Delay-Controlled Heterogeneous Nucleation in Adaptive Dynamical Networks

TL;DR

This paper investigates how delay-induced heterogeneous nucleation influences phase transitions and synchronization in adaptive dynamical networks, providing analytical conditions and a mean-field framework.

Contribution

It introduces two forms of heterogeneous nucleation in delay-coupled adaptive networks and develops a mean-field model with analytical bounds for cluster states.

Findings

Delay and frequency distribution shape the nucleation type.

Analytical bounds match numerical simulations.
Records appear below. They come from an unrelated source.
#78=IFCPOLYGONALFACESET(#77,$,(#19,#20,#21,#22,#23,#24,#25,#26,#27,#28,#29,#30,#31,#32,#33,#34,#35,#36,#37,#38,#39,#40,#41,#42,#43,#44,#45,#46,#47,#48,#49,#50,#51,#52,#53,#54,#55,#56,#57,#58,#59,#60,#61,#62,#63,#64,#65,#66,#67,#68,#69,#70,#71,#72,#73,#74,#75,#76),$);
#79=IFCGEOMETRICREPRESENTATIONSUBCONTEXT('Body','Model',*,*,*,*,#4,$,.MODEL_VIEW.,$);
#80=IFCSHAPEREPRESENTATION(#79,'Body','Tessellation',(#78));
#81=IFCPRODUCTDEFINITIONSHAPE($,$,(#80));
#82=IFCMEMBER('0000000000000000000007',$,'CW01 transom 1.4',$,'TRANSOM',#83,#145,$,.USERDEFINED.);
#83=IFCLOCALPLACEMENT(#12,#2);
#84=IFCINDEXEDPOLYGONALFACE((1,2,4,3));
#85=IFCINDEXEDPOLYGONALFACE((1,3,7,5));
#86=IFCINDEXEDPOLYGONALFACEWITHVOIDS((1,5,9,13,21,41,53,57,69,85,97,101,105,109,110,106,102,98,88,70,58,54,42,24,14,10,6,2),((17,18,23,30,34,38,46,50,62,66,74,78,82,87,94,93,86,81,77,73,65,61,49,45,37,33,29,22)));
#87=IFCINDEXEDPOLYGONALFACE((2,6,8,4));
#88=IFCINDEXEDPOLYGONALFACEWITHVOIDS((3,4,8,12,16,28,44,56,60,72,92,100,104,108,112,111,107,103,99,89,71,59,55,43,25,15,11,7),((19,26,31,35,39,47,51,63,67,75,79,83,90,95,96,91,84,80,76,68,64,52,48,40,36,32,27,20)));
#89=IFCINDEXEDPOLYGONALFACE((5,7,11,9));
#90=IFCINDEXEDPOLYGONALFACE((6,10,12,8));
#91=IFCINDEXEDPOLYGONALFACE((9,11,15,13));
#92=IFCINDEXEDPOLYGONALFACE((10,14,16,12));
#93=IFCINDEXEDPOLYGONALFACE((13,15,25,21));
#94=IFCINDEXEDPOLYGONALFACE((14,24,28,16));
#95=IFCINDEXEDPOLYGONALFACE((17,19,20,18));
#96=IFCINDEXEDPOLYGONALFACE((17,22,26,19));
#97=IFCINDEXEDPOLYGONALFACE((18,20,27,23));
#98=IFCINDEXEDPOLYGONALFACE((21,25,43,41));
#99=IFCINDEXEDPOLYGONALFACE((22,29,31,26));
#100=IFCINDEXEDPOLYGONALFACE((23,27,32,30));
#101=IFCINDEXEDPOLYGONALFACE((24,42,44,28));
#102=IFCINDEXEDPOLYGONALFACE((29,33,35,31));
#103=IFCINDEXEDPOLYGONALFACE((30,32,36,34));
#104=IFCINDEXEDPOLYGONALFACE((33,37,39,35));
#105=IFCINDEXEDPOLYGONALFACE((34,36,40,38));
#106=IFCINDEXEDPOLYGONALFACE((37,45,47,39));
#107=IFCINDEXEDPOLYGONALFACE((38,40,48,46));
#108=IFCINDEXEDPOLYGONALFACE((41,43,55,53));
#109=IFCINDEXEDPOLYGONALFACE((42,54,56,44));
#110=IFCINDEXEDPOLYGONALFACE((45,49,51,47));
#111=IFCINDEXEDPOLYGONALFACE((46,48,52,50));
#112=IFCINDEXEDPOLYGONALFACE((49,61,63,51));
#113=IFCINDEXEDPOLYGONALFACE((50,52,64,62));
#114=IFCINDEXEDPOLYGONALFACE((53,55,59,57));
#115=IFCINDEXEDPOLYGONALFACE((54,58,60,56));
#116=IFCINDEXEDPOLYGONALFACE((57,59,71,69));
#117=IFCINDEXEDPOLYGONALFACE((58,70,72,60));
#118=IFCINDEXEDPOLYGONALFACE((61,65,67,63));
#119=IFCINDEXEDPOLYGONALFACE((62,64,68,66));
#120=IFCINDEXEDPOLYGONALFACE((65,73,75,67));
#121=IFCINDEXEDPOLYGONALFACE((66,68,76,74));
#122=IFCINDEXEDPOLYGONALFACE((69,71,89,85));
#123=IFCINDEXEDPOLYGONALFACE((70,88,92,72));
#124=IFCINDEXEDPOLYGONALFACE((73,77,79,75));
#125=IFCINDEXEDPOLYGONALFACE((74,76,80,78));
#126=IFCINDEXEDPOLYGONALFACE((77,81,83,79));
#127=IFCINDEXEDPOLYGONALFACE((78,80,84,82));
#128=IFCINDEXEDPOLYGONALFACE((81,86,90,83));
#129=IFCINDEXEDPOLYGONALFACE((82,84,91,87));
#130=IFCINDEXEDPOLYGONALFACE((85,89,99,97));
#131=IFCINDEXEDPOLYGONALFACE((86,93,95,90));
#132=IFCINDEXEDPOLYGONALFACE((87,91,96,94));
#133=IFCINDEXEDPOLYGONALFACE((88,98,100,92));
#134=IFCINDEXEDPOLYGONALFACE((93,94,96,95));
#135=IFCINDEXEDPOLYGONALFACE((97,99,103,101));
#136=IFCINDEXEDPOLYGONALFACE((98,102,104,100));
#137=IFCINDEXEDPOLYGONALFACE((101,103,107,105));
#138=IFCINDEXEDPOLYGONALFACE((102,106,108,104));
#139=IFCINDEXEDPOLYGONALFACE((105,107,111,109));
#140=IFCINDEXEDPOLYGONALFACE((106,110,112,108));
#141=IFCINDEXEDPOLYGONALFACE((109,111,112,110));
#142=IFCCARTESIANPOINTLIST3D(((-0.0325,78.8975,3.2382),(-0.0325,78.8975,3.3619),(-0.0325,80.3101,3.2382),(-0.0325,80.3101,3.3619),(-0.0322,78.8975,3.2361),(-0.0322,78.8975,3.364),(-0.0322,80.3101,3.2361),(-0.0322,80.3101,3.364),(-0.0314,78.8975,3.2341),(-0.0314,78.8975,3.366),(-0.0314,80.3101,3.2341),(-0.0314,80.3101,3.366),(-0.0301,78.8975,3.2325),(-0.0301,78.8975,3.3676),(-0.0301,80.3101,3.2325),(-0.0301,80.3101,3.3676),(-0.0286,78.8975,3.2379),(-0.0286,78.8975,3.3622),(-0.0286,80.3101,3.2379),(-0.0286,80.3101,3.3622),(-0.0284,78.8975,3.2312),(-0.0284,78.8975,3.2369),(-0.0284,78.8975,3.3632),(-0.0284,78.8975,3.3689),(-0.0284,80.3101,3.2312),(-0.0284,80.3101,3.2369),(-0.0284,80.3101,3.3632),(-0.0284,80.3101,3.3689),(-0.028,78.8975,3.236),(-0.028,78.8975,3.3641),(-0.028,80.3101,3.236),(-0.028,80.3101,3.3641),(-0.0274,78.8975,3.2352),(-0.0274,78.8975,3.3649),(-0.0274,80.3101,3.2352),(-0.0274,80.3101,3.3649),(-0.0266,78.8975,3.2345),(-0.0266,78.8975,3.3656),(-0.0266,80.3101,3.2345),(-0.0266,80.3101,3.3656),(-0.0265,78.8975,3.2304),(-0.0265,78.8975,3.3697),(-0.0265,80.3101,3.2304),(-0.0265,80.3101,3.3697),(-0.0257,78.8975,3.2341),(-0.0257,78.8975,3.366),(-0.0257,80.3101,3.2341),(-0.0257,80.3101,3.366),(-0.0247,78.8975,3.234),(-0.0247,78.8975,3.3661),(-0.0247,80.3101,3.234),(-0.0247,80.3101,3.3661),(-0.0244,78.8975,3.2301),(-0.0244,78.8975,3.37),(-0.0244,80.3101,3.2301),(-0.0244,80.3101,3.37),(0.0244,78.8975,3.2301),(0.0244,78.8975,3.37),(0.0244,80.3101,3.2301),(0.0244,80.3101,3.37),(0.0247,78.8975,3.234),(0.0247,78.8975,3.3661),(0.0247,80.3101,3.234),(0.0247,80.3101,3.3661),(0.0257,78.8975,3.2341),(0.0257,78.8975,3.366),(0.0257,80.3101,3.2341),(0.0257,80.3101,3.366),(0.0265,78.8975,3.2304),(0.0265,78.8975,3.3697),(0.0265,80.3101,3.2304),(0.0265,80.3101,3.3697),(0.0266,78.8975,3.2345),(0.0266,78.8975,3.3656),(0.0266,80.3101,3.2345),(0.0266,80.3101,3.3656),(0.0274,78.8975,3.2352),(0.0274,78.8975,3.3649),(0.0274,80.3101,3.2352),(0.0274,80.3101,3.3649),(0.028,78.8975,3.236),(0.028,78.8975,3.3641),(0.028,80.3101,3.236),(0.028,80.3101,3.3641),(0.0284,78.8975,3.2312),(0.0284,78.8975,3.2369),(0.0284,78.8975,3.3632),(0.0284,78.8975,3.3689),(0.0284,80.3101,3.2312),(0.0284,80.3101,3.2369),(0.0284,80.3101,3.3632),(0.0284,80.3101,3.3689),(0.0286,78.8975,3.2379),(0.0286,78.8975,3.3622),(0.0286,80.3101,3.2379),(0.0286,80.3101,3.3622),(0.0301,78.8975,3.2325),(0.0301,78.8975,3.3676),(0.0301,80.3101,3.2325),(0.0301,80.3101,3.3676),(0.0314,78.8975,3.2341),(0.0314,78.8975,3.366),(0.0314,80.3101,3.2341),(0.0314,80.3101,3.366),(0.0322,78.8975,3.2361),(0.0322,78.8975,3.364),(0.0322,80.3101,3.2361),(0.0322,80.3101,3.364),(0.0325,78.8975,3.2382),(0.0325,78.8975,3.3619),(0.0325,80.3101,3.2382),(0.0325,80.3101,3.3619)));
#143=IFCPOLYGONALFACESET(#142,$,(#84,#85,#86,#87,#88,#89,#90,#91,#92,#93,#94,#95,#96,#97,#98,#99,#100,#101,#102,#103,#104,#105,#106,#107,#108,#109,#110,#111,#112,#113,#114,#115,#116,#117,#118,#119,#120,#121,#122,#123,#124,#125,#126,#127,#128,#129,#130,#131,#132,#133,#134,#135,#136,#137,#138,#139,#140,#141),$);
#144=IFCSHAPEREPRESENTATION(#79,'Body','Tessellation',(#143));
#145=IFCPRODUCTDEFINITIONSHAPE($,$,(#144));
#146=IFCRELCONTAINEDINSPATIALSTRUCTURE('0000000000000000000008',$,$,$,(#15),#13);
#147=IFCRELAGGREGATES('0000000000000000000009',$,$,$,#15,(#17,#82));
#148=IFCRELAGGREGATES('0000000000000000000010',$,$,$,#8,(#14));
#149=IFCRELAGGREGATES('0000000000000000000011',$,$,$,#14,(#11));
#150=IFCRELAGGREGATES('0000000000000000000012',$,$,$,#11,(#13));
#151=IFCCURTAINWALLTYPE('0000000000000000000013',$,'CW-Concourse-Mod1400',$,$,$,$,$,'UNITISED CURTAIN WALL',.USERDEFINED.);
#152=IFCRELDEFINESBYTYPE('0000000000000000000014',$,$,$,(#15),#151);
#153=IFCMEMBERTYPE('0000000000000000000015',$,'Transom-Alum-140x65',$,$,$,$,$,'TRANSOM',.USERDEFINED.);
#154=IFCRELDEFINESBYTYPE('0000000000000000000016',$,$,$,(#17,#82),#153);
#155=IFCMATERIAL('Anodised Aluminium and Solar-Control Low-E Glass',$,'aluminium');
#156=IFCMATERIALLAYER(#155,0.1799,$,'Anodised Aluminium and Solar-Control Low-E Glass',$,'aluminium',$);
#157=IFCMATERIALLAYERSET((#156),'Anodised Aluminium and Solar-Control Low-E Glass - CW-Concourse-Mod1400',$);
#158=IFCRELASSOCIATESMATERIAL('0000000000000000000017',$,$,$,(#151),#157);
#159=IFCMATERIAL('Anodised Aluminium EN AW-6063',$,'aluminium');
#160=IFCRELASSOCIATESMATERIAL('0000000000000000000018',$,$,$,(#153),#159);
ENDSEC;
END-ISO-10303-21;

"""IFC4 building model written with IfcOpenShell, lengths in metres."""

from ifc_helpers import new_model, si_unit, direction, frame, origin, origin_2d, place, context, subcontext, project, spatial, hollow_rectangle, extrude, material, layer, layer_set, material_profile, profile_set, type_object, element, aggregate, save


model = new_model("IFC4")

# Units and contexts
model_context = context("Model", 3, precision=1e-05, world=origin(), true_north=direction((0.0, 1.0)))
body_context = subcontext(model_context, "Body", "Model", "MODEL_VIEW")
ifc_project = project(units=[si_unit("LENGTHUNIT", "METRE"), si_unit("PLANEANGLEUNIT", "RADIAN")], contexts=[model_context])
Extended analysis includes distributed delays.

Abstract

Phase transitions constitute fundamental mechanisms underlying abrupt or qualitative changes in the collective dynamics of interacting units across a wide range of natural and engineered systems. In dynamical networks, such transitions lead to significant reorganization in the coordinated behavior of coupled elements. In adaptive dynamical networks, the connectivity evolves dynamically in response to the states of the nodes, resulting in a coevolution of structure and dynamics. In this work, we report two distinct forms of heterogeneous nucleation that give rise to single-step and multi-step phase transitions toward global synchronization in finite-size adaptive networks with connection delays. We demonstrate that the nature of the nucleation transition is governed by both the presence and magnitude of the delay, as well as the class of natural frequency distribution. Using a collective coordinate framework, we develop a mean-field description of cluster dynamics and derive an analytical upper bound condition for the existence of two-cluster states, which shows excellent agreement with numerical simulations. Furthermore, we extend the analysis to systems with distributed delays and obtain corresponding analytical conditions. Our results provide a theoretical framework for understanding synchronization transitions in adaptive networks with time-delayed interactions.